In the prediction device of this embodiment, historical operating data of relevant parameters of a desulfurization system in a unit SIS database is obtained through a data processing module 20 and processed to obtain a data sample set { FDi }; the LSSVM model training module 40 trains the data sample set { FDi } by using an LSSVM algorithm to obtain an LSSVM model set { M }iThe model input is the slurry density of the desulfurization system, the liquid level of the absorption tower and the front pressure of a slurry circulating pump, and the model output is the current of the slurry circulating pump; the time sequence data set acquisition module 60 inputs the desulfurization system slurry density, the absorption tower liquid level and the slurry circulating pump front pressure under the standard working condition into the LSSVM model set and outputs a slurry circulating pump current time sequence data set { GDiI is more than or equal to 1 and less than or equal to m; calculation module 80 sets the slurry circulation pump current timing data set { GDiPerforming wavelet decomposition to obtain a trend component and a detail component, respectively utilizing a GM (1,1) model and an ARMA model to perform modeling prediction on the trend component and the detail component to obtain output results, and overlapping the output results to obtain a slurry circulation pump current prediction data set (HD)jJ is more than or equal to 1 and less than or equal to n, and n is the predicted time interval number; through effective data processing and an excavating tool, a stable and accurate time sequence change trend is obtained from the current operation data of the complicated and disordered mass slurry circulating pump, namely the performance change trend of the slurry circulating pump is obtained through tracking and modeling of the operation current of the slurry circulating pump, and the operation reliability of the desulfurization system of the thermal power plant is improved.

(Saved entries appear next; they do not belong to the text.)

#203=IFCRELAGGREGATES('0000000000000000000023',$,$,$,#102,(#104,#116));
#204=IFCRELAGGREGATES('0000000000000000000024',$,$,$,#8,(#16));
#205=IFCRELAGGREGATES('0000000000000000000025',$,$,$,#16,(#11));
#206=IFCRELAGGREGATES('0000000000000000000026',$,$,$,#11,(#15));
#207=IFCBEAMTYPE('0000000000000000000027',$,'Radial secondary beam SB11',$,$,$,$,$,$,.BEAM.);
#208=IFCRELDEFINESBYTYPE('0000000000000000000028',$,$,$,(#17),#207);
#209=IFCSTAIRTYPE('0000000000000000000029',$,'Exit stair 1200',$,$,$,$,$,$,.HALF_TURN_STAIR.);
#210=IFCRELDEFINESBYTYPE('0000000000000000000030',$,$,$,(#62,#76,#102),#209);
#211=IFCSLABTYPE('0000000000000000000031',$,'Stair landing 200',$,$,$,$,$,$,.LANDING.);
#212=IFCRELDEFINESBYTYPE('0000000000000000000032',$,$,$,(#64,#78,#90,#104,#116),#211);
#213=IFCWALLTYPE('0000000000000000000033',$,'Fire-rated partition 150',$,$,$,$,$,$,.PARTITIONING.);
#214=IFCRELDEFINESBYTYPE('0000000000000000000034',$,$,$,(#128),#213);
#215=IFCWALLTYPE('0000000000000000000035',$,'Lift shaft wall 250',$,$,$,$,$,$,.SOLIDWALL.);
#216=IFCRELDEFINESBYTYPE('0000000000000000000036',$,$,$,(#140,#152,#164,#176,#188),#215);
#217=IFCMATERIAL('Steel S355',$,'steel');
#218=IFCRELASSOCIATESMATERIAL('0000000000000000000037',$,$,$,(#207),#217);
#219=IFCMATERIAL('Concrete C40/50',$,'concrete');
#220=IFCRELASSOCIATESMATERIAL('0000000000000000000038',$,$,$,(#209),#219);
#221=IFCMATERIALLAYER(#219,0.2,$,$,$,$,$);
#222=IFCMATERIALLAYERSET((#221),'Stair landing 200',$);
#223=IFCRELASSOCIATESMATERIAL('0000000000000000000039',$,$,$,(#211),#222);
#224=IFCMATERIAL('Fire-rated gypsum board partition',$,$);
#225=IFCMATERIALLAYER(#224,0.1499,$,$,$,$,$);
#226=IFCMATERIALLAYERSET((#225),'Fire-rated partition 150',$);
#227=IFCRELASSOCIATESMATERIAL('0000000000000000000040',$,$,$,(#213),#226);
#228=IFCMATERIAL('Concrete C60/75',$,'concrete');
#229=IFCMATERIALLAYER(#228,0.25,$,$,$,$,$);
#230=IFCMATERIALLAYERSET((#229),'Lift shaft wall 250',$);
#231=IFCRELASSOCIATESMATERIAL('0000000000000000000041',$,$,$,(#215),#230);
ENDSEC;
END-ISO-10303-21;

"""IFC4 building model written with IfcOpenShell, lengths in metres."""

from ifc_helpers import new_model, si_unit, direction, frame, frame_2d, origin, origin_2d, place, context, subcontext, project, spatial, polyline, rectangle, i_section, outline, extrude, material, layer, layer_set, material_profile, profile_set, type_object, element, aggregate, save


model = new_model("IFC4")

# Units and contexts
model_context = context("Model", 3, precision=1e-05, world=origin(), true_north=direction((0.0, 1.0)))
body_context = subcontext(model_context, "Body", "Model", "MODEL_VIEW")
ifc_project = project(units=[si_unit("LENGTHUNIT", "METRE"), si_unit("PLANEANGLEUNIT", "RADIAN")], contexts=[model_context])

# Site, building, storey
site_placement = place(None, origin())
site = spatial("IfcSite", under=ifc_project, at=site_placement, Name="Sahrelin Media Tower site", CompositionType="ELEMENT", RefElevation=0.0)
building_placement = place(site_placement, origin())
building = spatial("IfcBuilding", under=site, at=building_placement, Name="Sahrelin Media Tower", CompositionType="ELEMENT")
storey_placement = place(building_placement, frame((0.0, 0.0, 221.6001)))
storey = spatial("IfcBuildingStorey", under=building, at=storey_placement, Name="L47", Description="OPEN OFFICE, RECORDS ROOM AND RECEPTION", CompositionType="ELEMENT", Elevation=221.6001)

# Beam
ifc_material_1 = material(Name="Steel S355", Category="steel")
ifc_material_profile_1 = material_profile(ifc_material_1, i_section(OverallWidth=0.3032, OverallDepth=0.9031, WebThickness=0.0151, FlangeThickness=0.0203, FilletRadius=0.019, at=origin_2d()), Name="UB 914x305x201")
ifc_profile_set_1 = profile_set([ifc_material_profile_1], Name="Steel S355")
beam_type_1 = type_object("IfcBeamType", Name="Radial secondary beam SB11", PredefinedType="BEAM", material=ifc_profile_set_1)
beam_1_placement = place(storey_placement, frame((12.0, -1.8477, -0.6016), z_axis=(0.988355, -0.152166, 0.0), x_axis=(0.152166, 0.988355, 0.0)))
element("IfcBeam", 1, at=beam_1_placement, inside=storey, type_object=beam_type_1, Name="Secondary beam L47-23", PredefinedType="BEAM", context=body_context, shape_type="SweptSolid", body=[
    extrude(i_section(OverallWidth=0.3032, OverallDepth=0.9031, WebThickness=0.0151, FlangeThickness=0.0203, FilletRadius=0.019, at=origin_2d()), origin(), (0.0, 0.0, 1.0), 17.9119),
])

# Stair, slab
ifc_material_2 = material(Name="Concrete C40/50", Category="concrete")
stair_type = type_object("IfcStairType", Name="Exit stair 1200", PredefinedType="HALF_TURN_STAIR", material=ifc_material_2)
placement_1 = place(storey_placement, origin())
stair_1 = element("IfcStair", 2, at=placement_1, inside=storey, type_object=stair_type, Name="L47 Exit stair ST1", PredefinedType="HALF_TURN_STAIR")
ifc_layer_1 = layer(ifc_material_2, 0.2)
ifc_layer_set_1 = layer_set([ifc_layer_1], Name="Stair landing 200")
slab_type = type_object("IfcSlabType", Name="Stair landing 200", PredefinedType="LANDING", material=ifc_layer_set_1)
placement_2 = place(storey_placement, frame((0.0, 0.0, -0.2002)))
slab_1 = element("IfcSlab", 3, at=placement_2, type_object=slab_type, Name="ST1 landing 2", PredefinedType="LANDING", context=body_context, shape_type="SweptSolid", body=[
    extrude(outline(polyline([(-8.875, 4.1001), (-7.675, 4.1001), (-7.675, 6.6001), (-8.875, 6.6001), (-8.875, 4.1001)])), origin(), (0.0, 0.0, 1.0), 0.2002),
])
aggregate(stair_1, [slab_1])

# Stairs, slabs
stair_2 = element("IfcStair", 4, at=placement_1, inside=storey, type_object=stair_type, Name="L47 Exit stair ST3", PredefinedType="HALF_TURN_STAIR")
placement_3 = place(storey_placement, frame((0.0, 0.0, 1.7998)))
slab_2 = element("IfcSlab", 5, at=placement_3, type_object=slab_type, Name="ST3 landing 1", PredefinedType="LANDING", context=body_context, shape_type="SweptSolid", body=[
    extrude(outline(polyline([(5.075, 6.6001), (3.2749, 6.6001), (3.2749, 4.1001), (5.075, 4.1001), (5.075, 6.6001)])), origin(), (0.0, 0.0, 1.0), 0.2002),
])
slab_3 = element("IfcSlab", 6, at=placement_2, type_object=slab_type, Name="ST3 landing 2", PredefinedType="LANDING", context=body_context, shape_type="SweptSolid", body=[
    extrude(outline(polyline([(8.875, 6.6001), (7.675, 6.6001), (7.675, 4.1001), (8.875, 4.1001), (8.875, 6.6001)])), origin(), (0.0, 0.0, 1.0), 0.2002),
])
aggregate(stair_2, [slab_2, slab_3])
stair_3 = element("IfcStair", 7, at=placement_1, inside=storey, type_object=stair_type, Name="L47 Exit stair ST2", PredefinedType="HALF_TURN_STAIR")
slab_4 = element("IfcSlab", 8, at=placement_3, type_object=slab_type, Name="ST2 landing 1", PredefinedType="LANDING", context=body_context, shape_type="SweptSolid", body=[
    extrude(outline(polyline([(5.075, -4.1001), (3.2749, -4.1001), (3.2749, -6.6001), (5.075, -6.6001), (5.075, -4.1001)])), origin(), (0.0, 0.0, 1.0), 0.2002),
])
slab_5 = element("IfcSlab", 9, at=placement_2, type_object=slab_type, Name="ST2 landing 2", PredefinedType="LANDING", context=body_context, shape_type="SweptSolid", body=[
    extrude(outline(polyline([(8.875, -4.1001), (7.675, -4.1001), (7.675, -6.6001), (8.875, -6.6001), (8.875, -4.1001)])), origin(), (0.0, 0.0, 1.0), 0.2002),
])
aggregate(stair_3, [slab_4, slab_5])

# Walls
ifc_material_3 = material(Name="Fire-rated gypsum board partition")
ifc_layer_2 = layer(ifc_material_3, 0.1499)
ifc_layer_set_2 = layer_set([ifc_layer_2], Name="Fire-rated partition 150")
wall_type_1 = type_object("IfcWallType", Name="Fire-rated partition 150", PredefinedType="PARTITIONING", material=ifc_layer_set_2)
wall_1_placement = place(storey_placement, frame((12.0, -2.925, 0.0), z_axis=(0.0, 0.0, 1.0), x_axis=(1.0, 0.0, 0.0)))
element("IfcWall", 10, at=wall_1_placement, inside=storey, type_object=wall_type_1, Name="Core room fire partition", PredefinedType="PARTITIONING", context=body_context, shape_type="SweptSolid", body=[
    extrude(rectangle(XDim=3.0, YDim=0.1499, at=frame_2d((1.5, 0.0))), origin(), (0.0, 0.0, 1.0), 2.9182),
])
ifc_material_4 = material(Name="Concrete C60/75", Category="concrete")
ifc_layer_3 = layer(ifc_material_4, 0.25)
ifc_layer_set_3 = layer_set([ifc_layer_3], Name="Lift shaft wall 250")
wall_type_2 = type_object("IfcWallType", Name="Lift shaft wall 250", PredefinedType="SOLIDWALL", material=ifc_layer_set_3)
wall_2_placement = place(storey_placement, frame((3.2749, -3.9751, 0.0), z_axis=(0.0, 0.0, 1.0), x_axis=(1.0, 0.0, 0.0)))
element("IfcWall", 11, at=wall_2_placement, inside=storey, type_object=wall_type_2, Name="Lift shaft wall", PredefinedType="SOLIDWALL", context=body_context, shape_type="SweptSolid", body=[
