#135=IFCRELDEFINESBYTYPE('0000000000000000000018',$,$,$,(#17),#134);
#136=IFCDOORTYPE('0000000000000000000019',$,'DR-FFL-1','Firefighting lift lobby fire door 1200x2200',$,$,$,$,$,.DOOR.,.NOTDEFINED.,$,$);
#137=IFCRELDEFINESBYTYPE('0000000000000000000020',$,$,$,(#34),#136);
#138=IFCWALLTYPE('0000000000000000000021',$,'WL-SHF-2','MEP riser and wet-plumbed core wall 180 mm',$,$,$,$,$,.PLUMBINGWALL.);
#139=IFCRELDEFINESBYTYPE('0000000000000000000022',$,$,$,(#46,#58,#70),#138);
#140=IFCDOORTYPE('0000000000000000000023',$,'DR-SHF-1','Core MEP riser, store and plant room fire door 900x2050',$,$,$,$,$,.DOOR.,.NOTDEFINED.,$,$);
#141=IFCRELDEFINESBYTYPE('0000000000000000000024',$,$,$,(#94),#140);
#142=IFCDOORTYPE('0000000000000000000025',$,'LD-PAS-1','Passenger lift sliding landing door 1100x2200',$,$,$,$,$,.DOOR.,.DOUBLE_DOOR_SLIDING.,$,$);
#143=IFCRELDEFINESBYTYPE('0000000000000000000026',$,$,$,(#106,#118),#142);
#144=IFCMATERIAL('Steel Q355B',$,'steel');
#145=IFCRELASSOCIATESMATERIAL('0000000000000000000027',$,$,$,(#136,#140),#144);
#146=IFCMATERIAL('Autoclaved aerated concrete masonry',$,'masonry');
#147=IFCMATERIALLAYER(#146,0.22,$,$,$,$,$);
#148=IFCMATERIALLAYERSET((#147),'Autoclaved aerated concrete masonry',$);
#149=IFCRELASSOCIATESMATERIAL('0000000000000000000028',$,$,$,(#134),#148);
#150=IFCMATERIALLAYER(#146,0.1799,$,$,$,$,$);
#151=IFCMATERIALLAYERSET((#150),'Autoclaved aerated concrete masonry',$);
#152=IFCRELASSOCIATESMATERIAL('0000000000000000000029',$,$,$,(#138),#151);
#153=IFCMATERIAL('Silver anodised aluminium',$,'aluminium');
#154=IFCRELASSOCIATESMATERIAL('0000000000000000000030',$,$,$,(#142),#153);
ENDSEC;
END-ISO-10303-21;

Specifically, as shown in fig. 7, the data processing module 20 includes:
the data acquisition unit 201 is used for acquiring historical operating data of relevant parameters of the desulfurization system in the unit SIS database to obtain an original data sample D;
the data cleaning unit 202 is used for performing data cleaning on an original data sample D, and the cleaned sample is marked as CD;
a first screening unit 203 for loading the unit and desulfurizing the system inlet SO2Performing steady-state screening on the sample CD under the condition that the concentration is steady-state judgment to obtain a steady-state operation data sample set SD;
the second screening unit 204 is used for screening the operation conditions of the unit by taking the slurry density, the liquid level of the absorption tower and the pump front pressure of the slurry circulating pump as indexes, setting the variation ranges of the slurry density, the liquid level of the absorption tower and the pump front pressure of the slurry circulating pump, and obtaining a sample FD meeting the set requirements;
a sample dividing unit 205 for dividing the filtered sample FD into m time interval sample sets { FDi}(1≤i≤m)。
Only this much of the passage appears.